There are two other minor gameplay modes, and they’re duels and army battles. At certain parts of the story, your army will need to fight another army, and sometimes two characters will have a one-on-one duel with bespoke mechanics. Both of these systems, however, are just glorified rock-paper-scissors matches, with the duels in particular being extremely easy if you just spam the defend command (as defending also counters their power attacks to deal massive damage). The army battles are pretty and cool, but being RPS doesn’t make it terribly fun if you’re struggling with one. They’re not too hard, but that doesn’t change how it just sucks to lose when the only real reason you’re losing is just being too unlucky. Getting more Stars of Destiny will give you more and more powerful options in those army fights, so you can tilt the odds in your favor at least a bit, but it’s still something that I wish either had a bit more skill involved or were a bit more difficult to lose outside of just getting lucky enough (as there’s no cutscene skip option, and this game has some lengthy cutscenes at times that you’ll need to button-mash through to get another try at a hard fight).
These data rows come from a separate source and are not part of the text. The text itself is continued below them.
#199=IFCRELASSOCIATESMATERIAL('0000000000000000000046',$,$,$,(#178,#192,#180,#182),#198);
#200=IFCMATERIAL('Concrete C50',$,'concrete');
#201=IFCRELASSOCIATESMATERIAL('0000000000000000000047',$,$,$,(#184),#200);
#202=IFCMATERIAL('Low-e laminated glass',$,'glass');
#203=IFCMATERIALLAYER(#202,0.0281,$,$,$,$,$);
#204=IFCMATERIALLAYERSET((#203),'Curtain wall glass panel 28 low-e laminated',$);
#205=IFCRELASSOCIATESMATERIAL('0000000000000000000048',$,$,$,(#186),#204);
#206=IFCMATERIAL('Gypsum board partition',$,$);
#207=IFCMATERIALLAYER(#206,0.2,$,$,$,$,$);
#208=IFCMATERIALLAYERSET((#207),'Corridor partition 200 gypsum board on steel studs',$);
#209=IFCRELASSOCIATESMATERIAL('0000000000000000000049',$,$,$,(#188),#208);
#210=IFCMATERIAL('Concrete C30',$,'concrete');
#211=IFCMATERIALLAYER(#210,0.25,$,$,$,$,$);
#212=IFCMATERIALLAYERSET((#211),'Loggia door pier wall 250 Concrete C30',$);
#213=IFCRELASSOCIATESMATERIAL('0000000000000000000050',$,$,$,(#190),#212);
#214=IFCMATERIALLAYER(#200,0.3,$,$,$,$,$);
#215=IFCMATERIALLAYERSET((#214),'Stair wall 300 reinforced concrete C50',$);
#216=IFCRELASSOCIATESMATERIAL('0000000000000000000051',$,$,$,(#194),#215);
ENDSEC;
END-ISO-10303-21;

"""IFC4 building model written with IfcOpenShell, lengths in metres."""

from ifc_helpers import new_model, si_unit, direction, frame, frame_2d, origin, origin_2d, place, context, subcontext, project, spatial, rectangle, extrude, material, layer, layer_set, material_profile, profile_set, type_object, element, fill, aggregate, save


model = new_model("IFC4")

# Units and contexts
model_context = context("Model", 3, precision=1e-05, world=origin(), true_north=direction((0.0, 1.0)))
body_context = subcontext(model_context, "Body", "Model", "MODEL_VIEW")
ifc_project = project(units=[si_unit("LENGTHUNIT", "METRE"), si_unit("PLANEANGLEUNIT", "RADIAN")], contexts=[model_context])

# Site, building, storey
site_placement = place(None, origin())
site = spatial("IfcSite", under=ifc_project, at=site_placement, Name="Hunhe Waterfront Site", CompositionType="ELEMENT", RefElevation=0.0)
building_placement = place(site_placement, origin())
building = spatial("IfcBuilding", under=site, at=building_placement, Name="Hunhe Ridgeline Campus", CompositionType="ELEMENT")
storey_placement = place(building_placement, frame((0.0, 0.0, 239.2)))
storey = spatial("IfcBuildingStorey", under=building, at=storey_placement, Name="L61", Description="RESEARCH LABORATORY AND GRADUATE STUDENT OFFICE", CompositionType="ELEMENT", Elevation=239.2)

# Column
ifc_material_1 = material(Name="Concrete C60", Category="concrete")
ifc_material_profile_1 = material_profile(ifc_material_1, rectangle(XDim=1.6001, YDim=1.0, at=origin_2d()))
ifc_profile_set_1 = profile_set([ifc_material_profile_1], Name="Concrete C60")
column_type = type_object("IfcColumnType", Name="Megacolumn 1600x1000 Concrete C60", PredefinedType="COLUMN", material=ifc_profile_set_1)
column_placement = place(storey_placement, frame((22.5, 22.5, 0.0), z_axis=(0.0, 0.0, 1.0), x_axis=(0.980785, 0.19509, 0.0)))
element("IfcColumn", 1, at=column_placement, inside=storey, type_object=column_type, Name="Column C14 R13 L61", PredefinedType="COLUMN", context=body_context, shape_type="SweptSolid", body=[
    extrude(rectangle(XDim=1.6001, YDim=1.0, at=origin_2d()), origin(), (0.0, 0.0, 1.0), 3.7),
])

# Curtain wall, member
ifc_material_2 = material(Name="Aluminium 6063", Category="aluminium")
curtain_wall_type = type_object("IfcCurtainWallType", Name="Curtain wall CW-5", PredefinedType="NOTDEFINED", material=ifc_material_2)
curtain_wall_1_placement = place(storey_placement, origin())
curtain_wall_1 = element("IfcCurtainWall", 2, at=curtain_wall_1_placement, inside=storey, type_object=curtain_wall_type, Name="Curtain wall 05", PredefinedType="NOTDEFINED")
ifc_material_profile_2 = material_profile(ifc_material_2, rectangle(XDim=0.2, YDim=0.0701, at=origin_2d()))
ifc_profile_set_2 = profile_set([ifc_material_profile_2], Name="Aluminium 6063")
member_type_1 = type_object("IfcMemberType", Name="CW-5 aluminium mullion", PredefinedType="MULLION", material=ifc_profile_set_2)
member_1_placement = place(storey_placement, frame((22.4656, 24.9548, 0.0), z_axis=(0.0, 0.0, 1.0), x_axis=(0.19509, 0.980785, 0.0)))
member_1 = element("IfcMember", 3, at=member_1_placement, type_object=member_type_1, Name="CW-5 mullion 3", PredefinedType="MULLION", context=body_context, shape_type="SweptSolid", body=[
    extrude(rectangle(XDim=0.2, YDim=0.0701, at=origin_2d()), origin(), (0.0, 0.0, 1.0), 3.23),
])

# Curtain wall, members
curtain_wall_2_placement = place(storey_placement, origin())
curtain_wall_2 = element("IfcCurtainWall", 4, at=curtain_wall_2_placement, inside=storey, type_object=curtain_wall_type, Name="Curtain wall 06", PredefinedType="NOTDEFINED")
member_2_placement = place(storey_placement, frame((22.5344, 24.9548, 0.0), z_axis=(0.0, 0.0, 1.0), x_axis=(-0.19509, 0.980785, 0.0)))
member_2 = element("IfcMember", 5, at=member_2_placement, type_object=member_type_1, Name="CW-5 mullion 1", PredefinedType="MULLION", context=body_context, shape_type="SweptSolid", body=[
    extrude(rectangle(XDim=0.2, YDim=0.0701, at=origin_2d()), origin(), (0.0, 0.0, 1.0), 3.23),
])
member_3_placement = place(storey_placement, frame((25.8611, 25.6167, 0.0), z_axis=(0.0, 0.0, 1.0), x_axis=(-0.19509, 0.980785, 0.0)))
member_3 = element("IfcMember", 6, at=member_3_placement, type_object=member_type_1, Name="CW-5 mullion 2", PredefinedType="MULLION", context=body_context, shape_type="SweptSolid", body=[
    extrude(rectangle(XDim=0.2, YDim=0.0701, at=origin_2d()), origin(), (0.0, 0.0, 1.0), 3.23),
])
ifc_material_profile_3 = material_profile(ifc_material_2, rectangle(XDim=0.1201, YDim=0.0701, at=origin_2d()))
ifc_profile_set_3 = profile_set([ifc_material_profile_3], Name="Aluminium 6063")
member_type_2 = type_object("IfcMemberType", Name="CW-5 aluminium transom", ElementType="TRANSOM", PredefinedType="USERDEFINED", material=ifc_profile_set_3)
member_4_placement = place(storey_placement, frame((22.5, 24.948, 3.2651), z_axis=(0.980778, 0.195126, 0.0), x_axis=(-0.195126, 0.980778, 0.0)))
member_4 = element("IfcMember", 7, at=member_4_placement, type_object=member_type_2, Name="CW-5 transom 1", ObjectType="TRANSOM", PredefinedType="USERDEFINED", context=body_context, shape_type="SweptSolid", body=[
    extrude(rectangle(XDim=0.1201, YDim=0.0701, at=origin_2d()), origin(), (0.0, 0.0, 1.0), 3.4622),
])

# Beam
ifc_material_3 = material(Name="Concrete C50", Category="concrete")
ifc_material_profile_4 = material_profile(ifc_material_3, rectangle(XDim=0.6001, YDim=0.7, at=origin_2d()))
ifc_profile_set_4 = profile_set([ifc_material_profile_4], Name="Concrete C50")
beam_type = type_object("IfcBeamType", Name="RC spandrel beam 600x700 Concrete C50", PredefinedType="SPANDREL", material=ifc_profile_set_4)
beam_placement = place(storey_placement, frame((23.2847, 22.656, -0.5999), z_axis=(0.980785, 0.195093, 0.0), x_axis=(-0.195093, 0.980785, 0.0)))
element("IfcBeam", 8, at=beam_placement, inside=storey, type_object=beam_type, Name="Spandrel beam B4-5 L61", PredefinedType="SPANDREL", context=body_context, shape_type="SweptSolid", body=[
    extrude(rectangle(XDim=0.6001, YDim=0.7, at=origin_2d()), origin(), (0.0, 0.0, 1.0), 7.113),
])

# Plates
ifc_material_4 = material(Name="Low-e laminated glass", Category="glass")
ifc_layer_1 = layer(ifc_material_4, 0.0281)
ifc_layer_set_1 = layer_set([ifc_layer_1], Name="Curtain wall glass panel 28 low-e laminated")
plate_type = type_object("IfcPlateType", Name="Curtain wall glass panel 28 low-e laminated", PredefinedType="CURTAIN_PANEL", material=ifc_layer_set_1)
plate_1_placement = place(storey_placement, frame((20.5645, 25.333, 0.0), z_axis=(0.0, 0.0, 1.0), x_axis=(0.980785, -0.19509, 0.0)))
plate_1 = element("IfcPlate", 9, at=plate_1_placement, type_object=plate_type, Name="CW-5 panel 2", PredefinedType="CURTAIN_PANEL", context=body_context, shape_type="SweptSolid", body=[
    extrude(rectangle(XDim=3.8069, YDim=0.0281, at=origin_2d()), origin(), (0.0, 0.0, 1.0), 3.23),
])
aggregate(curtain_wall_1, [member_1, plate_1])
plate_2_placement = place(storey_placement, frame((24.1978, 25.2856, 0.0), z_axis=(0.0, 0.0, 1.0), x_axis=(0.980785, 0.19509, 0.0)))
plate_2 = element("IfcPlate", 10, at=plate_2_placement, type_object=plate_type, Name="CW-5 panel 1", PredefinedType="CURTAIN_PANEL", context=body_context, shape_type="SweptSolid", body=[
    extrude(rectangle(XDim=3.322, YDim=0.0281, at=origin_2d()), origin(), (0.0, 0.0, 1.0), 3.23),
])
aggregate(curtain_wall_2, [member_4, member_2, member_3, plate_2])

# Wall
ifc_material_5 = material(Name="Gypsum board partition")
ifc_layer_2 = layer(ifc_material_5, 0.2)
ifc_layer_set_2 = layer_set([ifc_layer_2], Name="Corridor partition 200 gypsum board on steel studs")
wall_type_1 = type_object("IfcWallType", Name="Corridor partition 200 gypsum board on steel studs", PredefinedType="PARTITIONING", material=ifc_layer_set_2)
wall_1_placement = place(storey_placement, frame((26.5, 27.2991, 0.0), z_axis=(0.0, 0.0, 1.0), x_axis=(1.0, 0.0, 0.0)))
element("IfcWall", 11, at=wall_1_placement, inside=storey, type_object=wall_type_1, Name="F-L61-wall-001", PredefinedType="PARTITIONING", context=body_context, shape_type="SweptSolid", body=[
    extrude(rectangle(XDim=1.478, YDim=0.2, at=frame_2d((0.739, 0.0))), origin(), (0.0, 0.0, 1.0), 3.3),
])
The game’s aesthetics are quite impressive for one of the earliest RPGs on the PS1. Being from December 1995, it’s no great surprised that some of the character models and such don’t have a ton of animation to them, and that the graphics do look a bit muddy in places. Be that as it may, this is still a very pretty 2D game on the PS1. Monster design is fantastic and varied, character portraits are detailed and expressive, and environments are well put together and hard to lose your way in with how both brief and detailed they so often are. The music isn’t quite on the level of a SquareSoft game, imo, but it’s damn close, and this game has no shortage of really good music tracks, even if the actual track list isn’t too terribly long.

Verdict: Recommended. Though it’s certainly not without its flaws, Suikoden 1 is a really quality RPG on the PS1. It’s a bit mechanically bare for those who love really mechanically complex games, and the writing is a bit on the weak side for folks who prefer a better written story, but it does both well enough that I think it’s still a very easy game to have a good time with as long as you’re not demanding perfection from everything you play. If you’re in the mood for a good PS1 RPG, you can certainly do better, but you can do a lot worse too, and I’ve no doubt in my mind that, at the very least, Suikoden 1 will serve as an excellent spring board for its far improved sequel.